Context Bootstrapped Reinforcement Learning
AI 摘要
CBRL通过注入示范提升强化学习探索效率,在多种推理任务上验证有效性。
主要贡献
- 提出Context Bootstrapped Reinforcement Learning (CBRL)
- 通过预先注入示范来引导探索,提高RLVR的探索效率
- 验证了CBRL在多个推理任务和模型上的有效性
方法论
CBRL通过随机地将少量示范添加到训练提示中,并逐渐降低添加概率,引导模型学习推理模式。
原文摘要
Reinforcement Learning from Verifiable Rewards (RLVR) suffers from exploration inefficiency, where models struggle to generate successful rollouts, resulting in minimal learning signal.
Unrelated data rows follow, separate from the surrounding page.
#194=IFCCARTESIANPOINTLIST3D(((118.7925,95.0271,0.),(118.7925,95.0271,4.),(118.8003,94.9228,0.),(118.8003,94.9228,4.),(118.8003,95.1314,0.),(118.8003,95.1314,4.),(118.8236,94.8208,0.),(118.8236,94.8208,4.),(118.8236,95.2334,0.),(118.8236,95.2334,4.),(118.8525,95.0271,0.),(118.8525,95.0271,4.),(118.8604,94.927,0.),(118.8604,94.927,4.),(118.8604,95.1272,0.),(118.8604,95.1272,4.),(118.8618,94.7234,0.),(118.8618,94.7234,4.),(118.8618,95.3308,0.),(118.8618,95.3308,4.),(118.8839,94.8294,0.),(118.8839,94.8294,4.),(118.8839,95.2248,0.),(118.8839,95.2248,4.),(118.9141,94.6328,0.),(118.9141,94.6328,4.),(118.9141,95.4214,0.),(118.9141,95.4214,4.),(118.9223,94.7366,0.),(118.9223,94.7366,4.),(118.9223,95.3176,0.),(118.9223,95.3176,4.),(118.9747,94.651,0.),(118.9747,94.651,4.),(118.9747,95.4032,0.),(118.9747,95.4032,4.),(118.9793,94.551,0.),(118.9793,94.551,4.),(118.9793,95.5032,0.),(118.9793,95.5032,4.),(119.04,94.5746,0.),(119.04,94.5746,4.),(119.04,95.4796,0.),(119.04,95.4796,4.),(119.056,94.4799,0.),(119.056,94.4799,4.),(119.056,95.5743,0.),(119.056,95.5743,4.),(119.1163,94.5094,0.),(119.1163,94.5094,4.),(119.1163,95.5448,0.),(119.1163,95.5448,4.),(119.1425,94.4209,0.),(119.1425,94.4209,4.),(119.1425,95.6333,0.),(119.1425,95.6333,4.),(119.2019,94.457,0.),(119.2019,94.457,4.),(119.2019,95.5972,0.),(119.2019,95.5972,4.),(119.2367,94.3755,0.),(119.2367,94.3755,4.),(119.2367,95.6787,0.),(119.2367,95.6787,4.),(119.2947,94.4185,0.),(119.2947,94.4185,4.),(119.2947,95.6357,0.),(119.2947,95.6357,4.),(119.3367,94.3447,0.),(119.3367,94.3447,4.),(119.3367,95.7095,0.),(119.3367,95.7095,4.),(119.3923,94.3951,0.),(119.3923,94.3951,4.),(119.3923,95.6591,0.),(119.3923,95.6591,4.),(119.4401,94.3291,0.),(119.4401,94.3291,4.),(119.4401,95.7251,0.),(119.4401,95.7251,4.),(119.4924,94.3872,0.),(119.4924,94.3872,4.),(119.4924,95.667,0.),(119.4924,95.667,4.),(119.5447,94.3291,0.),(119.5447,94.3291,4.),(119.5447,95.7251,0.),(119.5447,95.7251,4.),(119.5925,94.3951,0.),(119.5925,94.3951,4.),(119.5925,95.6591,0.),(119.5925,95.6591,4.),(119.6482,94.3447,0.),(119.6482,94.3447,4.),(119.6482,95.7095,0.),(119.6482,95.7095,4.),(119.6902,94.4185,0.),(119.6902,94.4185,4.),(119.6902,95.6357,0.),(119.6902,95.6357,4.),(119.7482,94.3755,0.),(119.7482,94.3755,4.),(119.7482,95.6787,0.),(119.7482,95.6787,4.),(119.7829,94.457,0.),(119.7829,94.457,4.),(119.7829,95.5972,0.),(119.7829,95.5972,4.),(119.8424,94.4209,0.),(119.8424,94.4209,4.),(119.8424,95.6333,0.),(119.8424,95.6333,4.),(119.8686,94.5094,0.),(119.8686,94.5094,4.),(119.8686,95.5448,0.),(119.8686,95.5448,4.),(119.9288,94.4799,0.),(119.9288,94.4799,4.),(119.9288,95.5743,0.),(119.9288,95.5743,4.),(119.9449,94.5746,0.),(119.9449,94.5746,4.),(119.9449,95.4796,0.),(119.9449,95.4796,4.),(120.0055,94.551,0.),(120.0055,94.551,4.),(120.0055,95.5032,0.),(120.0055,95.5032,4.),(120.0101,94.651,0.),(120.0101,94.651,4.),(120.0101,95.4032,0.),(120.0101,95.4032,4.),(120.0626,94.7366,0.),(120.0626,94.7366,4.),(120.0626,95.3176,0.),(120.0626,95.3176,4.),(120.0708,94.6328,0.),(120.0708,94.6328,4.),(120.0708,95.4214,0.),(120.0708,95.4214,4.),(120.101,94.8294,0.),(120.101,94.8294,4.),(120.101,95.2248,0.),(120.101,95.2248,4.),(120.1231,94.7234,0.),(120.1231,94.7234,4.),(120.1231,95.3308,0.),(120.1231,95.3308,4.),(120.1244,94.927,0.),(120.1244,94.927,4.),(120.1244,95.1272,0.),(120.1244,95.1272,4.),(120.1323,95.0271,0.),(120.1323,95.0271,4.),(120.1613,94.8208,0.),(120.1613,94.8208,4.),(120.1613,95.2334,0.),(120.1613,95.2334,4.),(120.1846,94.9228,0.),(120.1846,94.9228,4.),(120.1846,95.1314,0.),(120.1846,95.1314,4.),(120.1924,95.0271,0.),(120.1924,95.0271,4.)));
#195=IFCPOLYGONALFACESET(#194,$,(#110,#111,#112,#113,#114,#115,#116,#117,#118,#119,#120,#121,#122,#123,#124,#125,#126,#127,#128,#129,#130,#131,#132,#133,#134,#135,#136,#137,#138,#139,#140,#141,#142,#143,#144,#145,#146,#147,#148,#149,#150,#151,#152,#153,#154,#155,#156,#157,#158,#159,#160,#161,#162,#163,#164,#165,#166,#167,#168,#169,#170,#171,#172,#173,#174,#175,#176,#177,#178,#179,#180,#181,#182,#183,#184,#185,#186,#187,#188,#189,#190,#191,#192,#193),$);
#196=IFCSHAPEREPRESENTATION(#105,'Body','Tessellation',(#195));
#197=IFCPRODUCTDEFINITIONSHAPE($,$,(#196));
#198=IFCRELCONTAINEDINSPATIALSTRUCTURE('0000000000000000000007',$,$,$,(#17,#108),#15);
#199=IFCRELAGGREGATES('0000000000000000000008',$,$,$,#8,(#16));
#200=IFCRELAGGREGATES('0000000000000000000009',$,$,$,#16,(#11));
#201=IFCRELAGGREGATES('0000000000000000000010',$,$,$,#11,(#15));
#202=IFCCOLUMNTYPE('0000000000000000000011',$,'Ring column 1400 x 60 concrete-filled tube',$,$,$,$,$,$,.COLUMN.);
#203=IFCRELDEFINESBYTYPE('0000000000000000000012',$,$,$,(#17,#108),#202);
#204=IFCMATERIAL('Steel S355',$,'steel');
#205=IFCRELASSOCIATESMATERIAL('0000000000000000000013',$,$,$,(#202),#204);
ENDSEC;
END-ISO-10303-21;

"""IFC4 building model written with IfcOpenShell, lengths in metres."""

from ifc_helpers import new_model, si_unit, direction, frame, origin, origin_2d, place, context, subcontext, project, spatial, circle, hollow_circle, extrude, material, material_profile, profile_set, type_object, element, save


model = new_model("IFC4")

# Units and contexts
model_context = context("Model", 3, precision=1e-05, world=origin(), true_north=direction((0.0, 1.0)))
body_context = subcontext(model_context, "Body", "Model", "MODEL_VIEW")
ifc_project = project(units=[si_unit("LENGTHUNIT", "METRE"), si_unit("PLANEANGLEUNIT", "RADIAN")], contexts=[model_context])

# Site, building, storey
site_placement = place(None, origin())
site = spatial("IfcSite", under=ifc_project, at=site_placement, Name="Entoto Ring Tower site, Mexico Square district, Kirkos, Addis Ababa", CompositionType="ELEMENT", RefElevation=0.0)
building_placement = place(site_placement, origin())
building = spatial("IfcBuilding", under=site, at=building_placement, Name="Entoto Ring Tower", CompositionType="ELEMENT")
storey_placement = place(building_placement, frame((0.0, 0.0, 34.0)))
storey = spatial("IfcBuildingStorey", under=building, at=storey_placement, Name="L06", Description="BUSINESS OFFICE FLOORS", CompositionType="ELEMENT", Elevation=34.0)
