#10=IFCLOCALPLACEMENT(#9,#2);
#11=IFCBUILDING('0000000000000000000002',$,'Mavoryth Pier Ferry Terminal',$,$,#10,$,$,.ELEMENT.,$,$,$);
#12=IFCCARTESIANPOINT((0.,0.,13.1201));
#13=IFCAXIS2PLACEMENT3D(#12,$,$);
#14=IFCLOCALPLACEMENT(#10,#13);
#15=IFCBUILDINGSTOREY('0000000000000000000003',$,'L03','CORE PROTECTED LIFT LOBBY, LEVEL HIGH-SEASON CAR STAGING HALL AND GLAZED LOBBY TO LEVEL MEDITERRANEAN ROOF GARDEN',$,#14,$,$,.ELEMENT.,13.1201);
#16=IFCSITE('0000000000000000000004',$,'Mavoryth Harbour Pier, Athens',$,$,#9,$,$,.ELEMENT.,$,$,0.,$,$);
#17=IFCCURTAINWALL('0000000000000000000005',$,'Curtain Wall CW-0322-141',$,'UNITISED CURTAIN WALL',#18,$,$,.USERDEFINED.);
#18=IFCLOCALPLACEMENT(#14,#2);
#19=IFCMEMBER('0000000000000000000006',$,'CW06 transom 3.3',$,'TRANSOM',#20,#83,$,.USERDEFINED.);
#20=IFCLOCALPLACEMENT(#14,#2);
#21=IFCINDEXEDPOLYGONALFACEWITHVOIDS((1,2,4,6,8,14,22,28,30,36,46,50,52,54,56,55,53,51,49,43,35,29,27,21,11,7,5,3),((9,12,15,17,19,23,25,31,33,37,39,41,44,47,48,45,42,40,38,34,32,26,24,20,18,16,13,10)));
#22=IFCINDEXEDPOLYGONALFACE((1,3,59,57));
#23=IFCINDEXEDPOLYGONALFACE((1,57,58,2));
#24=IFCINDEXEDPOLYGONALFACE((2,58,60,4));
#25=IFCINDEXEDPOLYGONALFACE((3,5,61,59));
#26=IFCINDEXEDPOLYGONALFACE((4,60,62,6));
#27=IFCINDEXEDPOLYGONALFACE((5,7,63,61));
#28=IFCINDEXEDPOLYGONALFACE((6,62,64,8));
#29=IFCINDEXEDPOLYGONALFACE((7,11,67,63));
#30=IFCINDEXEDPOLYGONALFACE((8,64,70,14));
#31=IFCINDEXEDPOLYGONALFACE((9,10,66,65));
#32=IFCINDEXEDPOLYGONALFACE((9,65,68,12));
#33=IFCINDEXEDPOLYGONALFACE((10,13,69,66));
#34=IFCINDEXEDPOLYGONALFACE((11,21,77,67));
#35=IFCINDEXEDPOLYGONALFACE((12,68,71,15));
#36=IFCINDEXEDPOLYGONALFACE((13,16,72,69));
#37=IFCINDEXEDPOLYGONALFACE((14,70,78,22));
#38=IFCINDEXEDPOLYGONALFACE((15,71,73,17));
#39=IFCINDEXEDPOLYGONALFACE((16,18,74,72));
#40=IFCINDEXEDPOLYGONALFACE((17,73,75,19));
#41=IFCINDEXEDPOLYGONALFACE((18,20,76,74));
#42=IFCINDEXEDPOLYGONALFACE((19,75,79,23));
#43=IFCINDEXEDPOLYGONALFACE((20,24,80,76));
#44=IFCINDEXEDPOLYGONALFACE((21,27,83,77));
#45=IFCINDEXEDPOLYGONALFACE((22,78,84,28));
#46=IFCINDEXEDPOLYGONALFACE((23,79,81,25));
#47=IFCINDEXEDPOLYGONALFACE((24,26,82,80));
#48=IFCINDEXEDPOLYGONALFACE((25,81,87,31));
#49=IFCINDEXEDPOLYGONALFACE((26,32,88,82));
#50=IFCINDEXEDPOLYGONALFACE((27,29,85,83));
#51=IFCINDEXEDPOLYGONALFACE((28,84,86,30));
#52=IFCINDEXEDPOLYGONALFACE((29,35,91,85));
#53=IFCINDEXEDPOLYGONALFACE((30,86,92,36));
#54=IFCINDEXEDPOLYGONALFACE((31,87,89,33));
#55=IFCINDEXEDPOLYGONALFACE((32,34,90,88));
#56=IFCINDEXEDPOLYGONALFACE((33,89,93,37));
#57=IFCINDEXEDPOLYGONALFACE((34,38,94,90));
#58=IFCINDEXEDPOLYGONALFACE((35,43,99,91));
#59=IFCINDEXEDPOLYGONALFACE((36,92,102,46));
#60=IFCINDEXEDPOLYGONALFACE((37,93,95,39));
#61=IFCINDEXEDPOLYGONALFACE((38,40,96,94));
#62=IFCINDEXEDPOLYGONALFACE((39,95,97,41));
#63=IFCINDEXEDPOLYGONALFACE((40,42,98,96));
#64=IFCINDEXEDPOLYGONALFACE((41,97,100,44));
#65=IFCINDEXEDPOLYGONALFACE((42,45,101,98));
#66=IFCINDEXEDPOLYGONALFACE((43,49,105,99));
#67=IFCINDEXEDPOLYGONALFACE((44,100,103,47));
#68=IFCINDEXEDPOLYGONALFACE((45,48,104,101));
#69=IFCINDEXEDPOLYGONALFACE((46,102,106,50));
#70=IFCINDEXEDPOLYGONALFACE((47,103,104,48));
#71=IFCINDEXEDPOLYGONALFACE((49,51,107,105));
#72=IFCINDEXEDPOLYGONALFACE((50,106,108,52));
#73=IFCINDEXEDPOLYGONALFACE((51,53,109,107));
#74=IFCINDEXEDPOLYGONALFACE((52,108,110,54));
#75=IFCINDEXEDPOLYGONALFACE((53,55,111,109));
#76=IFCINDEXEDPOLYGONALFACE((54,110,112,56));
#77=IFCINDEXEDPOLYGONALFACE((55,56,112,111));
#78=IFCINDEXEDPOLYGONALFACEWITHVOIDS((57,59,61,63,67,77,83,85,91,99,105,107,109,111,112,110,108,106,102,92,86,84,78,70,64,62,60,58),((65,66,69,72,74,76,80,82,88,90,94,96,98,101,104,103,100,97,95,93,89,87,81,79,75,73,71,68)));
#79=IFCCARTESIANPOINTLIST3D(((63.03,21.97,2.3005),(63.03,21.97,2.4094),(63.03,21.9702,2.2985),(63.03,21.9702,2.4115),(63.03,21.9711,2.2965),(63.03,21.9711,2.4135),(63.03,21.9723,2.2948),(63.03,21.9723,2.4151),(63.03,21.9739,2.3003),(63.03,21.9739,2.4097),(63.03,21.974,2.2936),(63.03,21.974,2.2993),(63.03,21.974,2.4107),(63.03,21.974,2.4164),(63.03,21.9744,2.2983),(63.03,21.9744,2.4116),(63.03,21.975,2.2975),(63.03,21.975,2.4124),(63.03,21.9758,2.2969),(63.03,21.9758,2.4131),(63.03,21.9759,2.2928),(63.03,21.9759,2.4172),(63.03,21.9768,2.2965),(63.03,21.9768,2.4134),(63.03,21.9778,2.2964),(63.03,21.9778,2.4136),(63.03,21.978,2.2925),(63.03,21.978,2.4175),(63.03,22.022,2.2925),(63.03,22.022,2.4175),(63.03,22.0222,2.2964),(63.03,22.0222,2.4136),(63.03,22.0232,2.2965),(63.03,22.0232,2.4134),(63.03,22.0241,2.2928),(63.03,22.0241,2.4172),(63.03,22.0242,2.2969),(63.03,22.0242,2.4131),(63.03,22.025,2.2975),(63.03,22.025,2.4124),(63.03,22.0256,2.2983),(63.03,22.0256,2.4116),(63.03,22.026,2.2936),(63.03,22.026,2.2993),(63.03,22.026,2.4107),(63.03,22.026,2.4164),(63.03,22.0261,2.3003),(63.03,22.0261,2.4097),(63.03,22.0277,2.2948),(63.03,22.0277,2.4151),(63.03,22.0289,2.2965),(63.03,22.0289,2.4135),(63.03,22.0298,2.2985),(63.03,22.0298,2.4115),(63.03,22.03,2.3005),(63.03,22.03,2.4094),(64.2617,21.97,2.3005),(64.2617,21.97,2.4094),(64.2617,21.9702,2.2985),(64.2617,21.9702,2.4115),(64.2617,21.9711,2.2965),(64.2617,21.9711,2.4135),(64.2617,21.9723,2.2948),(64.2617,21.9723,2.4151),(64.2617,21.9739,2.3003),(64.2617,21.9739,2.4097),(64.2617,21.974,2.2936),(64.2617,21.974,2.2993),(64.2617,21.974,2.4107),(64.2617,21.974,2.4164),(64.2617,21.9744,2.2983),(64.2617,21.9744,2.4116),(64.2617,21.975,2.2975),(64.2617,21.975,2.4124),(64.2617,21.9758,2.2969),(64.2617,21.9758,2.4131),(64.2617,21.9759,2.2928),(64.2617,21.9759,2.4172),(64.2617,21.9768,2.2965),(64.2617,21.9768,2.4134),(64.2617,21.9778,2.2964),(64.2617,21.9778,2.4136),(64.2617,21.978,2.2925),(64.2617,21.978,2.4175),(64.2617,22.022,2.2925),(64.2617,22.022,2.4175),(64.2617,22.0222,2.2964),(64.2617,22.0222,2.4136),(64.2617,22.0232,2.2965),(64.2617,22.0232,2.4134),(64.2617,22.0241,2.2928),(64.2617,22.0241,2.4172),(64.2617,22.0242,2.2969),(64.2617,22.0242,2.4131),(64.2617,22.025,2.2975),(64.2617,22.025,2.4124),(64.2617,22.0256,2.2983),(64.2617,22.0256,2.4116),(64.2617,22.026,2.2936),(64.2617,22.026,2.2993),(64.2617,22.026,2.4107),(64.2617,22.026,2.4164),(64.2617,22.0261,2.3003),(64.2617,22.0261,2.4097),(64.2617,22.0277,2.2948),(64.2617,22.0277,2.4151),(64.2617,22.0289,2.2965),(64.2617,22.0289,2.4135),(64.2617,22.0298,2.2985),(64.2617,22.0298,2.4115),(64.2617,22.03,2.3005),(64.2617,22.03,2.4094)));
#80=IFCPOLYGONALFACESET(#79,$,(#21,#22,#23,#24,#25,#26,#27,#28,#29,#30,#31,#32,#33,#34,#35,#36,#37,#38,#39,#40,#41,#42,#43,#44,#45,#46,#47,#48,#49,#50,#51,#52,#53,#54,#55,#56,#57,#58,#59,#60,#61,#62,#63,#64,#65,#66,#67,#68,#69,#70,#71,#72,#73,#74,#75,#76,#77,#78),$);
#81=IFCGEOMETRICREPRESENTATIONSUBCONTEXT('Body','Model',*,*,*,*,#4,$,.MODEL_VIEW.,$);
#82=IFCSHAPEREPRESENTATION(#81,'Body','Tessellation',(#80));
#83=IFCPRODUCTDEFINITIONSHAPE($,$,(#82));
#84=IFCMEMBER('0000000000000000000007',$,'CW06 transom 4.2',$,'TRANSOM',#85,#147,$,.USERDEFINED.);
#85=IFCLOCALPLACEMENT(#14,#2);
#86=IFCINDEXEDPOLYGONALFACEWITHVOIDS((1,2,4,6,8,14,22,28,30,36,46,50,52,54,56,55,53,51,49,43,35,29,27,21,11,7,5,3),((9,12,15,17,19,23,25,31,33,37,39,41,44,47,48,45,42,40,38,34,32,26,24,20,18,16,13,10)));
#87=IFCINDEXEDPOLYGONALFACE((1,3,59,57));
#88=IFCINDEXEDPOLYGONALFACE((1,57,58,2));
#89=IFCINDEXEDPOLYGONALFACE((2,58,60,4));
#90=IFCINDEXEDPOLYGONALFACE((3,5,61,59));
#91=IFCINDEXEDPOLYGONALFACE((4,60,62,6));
This challenge is particularly severe for tasks that require the acquisition of novel reasoning patterns or domain-specific knowledge. To address this, we propose Context Bootstrapped Reinforcement Learning (CBRL), which augments RLVR training by stochastically prepending few-shot demonstrations to training prompts. The injection probability follows a curriculum that starts high to bootstrap early exploration, then anneals to zero so the model must ultimately succeed without assistance. This forces the policy to internalize reasoning patterns from the demonstrations rather than relying on them at test time. We validate CBRL across two model families and five Reasoning Gym tasks. Our results demonstrate that CBRL consistently improves success rate, provides better exploration efficiency, and is algorithm-agnostic. We further demonstrate CBRL's practical applicability on Q, a domain-specific programming language that diverges significantly from mainstream language conventions.